Experimental traction injuries of ventral spinal nerve roots. A scanning electron microscopic study.

The aims of this experimental scanning electron microscopic study were to identify the levels at which cervical ventral nerve roots, or the rootlets by which they are attached to the spinal cord, rupture under traction and to document the resulting damage. This information would provide the basis of a rationale for repairing rootlet avulsions which may follow brachial plexus traction injuries in man and which cause severe impairment of upper limb function. Traction was applied to C4 to Tl ventral roots until rupture occurred, in 10 freshly fixed and three living anaesthetized Wistar albino rats and in one human post–mortem specimen. Rupture occurred at the rootlet–cord junction in 80% of cases. Most individual myelinated fibres broke at the central–peripheral nervous system (CNS–PNS) transitional node which, in the cervical region, lies at the bottom of an endoneurial invagination surrounding each fibre and extending deep to the cord surface. Fibre rupture at more distal levels occurred internodally, and a length of axon commonly protruded well beyond the level of sheath rupture. Some sheaths broke cleanly across but the torn surfaces of others tapered, perhaps because of rupture at Schmidt–Lanterman incisures.
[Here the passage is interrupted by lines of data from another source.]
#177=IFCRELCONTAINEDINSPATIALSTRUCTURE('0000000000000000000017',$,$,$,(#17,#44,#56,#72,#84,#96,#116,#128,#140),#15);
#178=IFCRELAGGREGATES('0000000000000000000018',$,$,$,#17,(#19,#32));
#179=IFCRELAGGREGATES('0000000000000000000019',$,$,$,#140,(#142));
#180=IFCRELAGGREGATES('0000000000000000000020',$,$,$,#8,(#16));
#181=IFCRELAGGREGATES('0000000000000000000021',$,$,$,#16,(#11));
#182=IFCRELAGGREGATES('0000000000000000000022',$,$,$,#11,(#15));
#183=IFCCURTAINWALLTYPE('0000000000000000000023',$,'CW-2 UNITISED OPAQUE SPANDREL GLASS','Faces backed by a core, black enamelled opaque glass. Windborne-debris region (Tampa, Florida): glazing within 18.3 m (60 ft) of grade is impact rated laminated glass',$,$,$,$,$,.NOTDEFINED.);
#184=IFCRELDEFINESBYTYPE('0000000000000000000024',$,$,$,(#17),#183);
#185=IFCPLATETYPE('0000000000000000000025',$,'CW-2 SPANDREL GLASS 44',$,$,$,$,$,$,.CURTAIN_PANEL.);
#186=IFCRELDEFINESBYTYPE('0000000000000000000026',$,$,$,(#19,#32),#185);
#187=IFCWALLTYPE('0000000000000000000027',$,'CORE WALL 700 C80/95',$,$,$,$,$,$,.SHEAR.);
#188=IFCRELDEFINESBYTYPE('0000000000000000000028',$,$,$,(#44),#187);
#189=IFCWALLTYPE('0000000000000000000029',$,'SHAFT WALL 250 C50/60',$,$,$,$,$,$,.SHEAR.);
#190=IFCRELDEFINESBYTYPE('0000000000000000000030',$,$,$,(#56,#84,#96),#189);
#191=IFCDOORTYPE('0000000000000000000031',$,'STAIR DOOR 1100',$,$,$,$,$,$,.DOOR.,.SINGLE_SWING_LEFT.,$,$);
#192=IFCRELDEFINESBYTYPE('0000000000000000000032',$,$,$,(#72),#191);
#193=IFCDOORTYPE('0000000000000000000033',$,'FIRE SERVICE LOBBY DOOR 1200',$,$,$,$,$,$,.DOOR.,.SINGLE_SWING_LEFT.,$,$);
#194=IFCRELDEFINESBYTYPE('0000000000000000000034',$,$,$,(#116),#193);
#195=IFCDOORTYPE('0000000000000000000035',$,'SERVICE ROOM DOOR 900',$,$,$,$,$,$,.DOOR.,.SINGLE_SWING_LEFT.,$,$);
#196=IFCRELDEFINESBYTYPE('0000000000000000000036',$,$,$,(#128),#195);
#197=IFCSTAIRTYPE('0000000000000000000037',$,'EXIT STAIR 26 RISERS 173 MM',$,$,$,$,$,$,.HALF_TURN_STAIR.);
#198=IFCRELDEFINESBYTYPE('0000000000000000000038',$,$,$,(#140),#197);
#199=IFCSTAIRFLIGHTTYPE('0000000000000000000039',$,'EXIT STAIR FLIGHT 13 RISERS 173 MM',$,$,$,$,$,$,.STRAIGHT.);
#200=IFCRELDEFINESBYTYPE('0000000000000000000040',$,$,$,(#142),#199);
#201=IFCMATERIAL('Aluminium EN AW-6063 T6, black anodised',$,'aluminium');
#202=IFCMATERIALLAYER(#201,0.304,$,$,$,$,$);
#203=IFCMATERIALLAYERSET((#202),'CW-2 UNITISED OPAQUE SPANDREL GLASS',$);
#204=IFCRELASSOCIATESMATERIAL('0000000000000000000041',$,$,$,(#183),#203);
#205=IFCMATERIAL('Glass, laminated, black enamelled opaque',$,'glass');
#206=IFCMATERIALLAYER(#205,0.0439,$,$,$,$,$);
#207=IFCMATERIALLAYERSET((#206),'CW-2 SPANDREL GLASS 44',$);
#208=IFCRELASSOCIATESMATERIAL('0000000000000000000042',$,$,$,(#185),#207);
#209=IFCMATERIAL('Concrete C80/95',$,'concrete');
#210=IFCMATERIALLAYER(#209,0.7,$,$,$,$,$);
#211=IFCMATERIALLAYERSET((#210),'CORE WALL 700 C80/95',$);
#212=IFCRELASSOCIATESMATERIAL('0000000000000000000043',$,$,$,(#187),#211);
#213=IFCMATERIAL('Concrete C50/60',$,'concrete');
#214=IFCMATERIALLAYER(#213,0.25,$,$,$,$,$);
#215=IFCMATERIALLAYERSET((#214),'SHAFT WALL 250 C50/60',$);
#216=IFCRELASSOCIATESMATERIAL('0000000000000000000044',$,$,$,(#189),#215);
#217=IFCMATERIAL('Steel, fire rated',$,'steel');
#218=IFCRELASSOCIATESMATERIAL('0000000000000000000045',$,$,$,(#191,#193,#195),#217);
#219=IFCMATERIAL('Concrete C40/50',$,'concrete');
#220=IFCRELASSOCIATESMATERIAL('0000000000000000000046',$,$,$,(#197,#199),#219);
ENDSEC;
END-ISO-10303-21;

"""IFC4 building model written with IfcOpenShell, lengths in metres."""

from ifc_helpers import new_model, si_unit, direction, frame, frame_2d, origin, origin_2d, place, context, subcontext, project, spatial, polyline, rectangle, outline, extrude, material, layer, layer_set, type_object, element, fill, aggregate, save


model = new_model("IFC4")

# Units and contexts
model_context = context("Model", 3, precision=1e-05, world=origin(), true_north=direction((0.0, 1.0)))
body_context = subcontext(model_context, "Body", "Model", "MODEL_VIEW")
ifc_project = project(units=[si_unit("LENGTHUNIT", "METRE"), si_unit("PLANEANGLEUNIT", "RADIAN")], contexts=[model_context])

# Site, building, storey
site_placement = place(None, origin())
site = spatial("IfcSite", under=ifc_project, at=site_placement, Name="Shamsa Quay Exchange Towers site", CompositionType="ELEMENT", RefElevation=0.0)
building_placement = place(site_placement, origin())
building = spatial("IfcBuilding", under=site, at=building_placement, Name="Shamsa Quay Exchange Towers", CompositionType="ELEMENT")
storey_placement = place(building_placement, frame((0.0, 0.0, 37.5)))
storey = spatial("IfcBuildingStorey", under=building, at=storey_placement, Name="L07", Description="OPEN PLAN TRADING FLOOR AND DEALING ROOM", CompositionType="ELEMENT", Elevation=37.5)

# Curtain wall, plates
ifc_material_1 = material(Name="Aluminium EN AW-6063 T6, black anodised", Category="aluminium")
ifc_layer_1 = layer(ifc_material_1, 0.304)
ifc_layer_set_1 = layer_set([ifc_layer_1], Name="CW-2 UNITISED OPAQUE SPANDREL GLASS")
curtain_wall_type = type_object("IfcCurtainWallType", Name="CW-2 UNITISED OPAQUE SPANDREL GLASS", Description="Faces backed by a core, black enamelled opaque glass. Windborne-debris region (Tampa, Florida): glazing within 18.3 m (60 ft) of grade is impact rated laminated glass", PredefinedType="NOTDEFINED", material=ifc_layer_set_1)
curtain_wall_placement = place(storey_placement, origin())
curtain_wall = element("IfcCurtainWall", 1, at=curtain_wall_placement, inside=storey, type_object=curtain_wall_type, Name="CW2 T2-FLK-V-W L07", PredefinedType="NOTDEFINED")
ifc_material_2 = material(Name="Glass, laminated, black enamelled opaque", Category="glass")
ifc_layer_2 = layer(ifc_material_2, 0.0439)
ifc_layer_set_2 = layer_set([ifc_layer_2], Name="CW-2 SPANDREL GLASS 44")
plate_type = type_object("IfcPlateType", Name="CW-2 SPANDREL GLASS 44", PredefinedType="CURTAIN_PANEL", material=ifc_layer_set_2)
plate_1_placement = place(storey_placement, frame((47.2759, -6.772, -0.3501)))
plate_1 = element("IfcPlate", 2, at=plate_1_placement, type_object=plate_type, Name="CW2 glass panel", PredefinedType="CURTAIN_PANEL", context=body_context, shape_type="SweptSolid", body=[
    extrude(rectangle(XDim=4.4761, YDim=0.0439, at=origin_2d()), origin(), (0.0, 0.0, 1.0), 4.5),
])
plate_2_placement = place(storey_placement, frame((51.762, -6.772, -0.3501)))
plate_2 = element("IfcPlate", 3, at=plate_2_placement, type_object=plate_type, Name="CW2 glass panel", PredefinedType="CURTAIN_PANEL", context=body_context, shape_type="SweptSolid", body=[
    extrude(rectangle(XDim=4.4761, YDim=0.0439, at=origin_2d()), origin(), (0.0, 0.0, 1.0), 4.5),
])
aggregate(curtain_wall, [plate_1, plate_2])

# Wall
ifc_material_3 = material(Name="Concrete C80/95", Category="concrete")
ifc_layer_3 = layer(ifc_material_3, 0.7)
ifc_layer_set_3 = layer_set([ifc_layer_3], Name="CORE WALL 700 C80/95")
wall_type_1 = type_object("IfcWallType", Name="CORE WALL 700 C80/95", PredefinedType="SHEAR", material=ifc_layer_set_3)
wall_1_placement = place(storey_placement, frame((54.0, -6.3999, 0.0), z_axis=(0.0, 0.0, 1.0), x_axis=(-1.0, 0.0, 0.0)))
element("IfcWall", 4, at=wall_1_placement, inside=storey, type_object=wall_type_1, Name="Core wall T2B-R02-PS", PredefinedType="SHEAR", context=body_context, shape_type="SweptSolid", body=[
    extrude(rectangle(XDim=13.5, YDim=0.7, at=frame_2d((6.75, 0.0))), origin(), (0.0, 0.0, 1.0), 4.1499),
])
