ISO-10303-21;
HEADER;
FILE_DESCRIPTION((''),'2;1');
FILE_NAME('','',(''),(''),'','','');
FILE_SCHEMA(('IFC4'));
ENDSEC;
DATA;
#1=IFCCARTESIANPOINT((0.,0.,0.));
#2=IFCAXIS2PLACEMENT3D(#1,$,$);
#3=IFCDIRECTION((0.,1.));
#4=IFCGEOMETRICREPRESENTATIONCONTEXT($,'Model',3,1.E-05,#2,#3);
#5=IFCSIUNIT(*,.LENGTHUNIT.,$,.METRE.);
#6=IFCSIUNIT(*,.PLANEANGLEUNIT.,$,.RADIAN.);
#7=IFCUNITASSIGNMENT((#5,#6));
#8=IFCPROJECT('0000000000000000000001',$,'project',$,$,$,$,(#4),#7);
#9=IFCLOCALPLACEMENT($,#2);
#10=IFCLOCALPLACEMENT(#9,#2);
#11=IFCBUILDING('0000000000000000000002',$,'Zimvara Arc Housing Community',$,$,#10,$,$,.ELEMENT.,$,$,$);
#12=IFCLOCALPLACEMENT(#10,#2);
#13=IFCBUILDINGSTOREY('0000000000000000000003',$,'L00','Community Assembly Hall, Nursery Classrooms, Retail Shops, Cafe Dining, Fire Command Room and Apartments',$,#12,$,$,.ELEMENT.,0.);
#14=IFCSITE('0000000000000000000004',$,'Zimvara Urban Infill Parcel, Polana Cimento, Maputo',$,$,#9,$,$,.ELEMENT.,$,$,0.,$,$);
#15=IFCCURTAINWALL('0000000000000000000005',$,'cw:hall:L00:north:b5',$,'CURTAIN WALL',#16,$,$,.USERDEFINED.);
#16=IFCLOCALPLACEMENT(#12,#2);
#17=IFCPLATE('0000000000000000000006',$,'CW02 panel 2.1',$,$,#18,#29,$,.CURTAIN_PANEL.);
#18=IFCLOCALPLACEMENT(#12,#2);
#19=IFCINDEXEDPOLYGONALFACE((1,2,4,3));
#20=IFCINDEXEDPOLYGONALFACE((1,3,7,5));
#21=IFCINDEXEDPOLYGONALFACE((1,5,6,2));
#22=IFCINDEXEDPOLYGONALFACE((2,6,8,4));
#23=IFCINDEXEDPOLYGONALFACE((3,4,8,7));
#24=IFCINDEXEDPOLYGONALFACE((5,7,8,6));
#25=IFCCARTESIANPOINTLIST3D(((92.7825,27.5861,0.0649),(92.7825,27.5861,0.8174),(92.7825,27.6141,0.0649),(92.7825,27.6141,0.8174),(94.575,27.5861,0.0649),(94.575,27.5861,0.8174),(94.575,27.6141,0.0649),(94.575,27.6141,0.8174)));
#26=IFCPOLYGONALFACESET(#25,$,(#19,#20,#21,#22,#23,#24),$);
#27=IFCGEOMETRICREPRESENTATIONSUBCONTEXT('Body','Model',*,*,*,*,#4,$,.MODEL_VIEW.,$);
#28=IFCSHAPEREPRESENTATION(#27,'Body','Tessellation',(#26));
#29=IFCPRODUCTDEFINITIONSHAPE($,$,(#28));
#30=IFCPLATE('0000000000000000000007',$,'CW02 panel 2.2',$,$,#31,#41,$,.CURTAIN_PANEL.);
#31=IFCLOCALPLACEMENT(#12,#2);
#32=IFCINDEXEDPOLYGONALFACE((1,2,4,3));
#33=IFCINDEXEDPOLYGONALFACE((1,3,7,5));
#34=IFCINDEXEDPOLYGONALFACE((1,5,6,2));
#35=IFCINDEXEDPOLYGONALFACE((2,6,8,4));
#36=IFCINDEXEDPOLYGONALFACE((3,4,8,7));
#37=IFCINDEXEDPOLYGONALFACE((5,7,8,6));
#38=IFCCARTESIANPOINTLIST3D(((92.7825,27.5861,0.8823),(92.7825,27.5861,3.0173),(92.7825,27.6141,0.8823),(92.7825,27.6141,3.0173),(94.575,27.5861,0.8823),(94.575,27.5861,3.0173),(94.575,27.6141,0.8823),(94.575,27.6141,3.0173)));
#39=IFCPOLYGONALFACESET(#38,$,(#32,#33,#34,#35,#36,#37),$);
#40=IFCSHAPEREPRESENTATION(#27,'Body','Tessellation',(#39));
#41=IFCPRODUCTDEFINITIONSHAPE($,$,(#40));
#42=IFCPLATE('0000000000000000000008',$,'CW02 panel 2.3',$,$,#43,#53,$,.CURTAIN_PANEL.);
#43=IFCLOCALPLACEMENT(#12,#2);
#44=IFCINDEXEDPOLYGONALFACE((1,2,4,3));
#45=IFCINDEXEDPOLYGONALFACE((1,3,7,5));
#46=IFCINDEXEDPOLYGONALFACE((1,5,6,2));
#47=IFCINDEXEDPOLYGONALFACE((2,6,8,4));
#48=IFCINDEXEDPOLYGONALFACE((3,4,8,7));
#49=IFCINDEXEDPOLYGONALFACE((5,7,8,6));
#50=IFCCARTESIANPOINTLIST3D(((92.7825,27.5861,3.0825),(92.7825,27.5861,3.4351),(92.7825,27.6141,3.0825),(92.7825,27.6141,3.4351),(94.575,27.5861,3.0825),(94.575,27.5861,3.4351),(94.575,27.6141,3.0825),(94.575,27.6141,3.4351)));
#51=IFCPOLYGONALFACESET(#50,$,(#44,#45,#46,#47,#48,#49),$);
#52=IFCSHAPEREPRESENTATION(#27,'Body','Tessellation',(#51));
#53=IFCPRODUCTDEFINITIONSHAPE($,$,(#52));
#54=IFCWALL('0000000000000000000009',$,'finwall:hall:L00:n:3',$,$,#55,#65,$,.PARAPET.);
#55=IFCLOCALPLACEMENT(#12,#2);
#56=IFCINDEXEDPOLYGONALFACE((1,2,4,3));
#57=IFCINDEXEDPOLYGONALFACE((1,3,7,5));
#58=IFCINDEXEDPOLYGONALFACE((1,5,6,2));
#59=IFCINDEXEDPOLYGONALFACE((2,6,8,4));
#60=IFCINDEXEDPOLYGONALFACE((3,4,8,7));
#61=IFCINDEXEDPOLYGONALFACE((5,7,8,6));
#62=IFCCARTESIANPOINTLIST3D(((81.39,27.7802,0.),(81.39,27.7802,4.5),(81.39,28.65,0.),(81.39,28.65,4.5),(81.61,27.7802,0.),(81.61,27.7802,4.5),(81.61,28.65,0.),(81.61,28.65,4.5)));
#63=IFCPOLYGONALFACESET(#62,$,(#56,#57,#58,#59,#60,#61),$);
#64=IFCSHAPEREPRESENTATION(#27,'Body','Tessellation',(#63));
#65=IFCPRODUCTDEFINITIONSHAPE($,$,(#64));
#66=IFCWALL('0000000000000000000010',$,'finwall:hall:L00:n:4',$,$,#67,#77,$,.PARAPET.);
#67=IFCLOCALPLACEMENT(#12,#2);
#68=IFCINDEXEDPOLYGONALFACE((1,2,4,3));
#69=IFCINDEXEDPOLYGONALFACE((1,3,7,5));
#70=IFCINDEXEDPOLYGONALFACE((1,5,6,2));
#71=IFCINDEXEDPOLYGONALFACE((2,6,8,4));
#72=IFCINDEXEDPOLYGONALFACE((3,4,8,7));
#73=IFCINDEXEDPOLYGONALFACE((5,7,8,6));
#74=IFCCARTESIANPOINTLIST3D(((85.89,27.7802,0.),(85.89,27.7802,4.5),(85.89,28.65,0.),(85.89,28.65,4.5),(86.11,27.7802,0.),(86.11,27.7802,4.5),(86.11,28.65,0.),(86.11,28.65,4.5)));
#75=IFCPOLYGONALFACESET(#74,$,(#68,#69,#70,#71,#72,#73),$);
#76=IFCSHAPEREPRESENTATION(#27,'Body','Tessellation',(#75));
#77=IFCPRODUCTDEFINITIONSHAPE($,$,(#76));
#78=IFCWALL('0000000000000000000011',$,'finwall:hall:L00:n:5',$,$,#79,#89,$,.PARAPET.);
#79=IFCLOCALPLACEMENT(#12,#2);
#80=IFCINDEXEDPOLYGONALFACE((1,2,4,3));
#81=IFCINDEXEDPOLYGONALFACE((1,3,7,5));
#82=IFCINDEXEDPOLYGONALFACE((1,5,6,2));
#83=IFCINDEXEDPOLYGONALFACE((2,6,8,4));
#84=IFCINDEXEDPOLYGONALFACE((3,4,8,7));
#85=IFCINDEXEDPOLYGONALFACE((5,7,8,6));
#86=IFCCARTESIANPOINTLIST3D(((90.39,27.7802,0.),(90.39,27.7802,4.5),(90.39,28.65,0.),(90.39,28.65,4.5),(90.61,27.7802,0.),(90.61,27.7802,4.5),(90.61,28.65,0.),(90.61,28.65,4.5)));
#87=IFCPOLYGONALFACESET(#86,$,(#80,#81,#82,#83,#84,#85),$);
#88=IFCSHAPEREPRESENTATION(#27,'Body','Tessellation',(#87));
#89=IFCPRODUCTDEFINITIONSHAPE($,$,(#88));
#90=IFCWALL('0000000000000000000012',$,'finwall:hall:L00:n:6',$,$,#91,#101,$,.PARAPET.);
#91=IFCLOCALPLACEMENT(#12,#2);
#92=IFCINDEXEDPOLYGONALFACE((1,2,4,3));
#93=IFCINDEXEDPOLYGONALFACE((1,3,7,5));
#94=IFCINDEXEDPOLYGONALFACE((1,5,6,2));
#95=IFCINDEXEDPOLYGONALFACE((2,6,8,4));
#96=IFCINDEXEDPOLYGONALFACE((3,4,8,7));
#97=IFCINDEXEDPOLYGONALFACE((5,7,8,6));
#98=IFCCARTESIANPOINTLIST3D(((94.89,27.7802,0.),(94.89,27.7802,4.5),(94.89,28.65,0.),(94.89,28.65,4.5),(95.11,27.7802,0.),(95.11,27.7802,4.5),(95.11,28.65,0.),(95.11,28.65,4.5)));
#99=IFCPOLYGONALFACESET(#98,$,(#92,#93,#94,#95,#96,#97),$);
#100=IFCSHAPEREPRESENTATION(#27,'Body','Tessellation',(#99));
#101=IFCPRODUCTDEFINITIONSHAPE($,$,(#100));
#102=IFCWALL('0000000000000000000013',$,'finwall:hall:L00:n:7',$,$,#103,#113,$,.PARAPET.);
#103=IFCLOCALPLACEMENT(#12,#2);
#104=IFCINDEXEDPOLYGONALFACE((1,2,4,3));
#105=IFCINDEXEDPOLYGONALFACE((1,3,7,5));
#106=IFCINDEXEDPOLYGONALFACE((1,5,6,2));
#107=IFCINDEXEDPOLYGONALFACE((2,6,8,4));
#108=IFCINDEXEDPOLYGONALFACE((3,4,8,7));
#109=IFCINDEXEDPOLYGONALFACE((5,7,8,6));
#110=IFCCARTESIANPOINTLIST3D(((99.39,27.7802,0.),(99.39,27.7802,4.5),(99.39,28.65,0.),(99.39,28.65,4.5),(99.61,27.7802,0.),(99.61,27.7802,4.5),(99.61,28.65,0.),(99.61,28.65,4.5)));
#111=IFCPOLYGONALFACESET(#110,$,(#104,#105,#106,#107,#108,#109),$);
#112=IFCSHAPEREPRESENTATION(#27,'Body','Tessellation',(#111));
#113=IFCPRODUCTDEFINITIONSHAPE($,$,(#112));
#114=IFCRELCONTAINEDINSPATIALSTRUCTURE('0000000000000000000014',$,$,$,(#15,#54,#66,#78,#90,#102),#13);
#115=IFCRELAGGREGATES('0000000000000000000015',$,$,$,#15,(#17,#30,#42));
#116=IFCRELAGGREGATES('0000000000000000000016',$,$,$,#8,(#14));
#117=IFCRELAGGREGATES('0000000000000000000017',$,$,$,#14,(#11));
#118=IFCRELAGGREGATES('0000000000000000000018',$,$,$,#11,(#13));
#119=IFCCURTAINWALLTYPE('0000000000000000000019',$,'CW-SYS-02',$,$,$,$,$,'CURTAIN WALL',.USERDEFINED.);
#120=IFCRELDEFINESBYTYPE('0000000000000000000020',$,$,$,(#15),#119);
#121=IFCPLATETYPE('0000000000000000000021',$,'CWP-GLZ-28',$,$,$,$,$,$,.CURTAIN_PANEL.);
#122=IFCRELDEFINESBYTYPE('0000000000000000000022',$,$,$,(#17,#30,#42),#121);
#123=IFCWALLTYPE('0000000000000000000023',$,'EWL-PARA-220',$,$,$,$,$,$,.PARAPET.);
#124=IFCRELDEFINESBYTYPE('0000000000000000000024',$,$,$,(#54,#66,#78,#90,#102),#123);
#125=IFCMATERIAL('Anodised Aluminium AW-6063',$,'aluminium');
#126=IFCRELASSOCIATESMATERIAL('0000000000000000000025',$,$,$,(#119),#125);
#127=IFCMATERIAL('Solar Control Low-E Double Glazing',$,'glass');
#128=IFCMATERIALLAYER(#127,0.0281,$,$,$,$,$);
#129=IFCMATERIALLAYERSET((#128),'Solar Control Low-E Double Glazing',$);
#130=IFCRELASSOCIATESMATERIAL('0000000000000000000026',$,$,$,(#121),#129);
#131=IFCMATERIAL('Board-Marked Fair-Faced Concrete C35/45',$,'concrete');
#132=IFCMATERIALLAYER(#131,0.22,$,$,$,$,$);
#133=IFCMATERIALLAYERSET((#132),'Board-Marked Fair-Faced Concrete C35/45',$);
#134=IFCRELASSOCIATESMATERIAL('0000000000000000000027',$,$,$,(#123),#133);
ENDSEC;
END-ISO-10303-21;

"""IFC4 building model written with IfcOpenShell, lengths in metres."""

from ifc_helpers import new_model, si_unit, direction, frame, frame_2d, origin, origin_2d, place, context, subcontext, project, spatial, rectangle, extrude, material, layer, layer_set, type_object, element, aggregate, save


model = new_model("IFC4")

# Units and contexts
model_context = context("Model", 3, precision=1e-05, world=origin(), true_north=direction((0.0, 1.0)))
body_context = subcontext(model_context, "Body", "Model", "MODEL_VIEW")
ifc_project = project(units=[si_unit("LENGTHUNIT", "METRE"), si_unit("PLANEANGLEUNIT", "RADIAN")], contexts=[model_context])

# Site, building, storey
site_placement = place(None, origin())
site = spatial("IfcSite", under=ifc_project, at=site_placement, Name="Zimvara Urban Infill Parcel, Polana Cimento, Maputo", CompositionType="ELEMENT", RefElevation=0.0)
building_placement = place(site_placement, origin())
building = spatial("IfcBuilding", under=site, at=building_placement, Name="Zimvara Arc Housing Community", CompositionType="ELEMENT")
storey_placement = place(building_placement, origin())
storey = spatial("IfcBuildingStorey", under=building, at=storey_placement, Name="L00", Description="Community Assembly Hall, Nursery Classrooms, Retail Shops, Cafe Dining, Fire Command Room and Apartments", CompositionType="ELEMENT", Elevation=0.0)

# Curtain wall, plates
ifc_material_1 = material(Name="Anodised Aluminium AW-6063", Category="aluminium")
curtain_wall_type = type_object("IfcCurtainWallType", Name="CW-SYS-02", ElementType="CURTAIN WALL", PredefinedType="USERDEFINED", material=ifc_material_1)
curtain_wall_placement = place(storey_placement, origin())
curtain_wall = element("IfcCurtainWall", 1, at=curtain_wall_placement, inside=storey, type_object=curtain_wall_type, Name="cw:hall:L00:north:b5", ObjectType="CURTAIN WALL", PredefinedType="USERDEFINED")
ifc_material_2 = material(Name="Solar Control Low-E Double Glazing", Category="glass")
ifc_layer_1 = layer(ifc_material_2, 0.0281)
ifc_layer_set_1 = layer_set([ifc_layer_1], Name="Solar Control Low-E Double Glazing")
plate_type = type_object("IfcPlateType", Name="CWP-GLZ-28", PredefinedType="CURTAIN_PANEL", material=ifc_layer_set_1)
plate_1_placement = place(storey_placement, frame((93.6787, 27.6001, 0.0649), z_axis=(0.0, 0.0, 1.0), x_axis=(1.0, 0.0, 0.0)))
plate_1 = element("IfcPlate", 2, at=plate_1_placement, type_object=plate_type, Name="CW02 panel 2.1", PredefinedType="CURTAIN_PANEL", context=body_context, shape_type="SweptSolid", body=[
    extrude(rectangle(XDim=1.7925, YDim=0.0281, at=origin_2d()), origin(), (0.0, 0.0, 1.0), 0.7524),
])
plate_2_placement = place(storey_placement, frame((93.6787, 27.6001, 0.8823), z_axis=(0.0, 0.0, 1.0), x_axis=(1.0, 0.0, 0.0)))
plate_2 = element("IfcPlate", 3, at=plate_2_placement, type_object=plate_type, Name="CW02 panel 2.2", PredefinedType="CURTAIN_PANEL", context=body_context, shape_type="SweptSolid", body=[
    extrude(rectangle(XDim=1.7925, YDim=0.0281, at=origin_2d()), origin(), (0.0, 0.0, 1.0), 2.135),
])
plate_3_placement = place(storey_placement, frame((93.6787, 27.6001, 3.0825), z_axis=(0.0, 0.0, 1.0), x_axis=(1.0, 0.0, 0.0)))
plate_3 = element("IfcPlate", 4, at=plate_3_placement, type_object=plate_type, Name="CW02 panel 2.3", PredefinedType="CURTAIN_PANEL", context=body_context, shape_type="SweptSolid", body=[
    extrude(rectangle(XDim=1.7925, YDim=0.0281, at=origin_2d()), origin(), (0.0, 0.0, 1.0), 0.3525),
])
aggregate(curtain_wall, [plate_1, plate_2, plate_3])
The cellular and connective tissue rootlet sheaths ruptured where they were continuous with the pia mater. Ruptured fixed and unfixed tissues were ultrastructurally similar. It is clear from the findings of this study that regeneration would take place entirely in a PNS environment. The endoneurial invaginations would ensure that sprouts emerging from transitional nodes would be guided distally into rootlets surgically apposed to the torn transitional zone.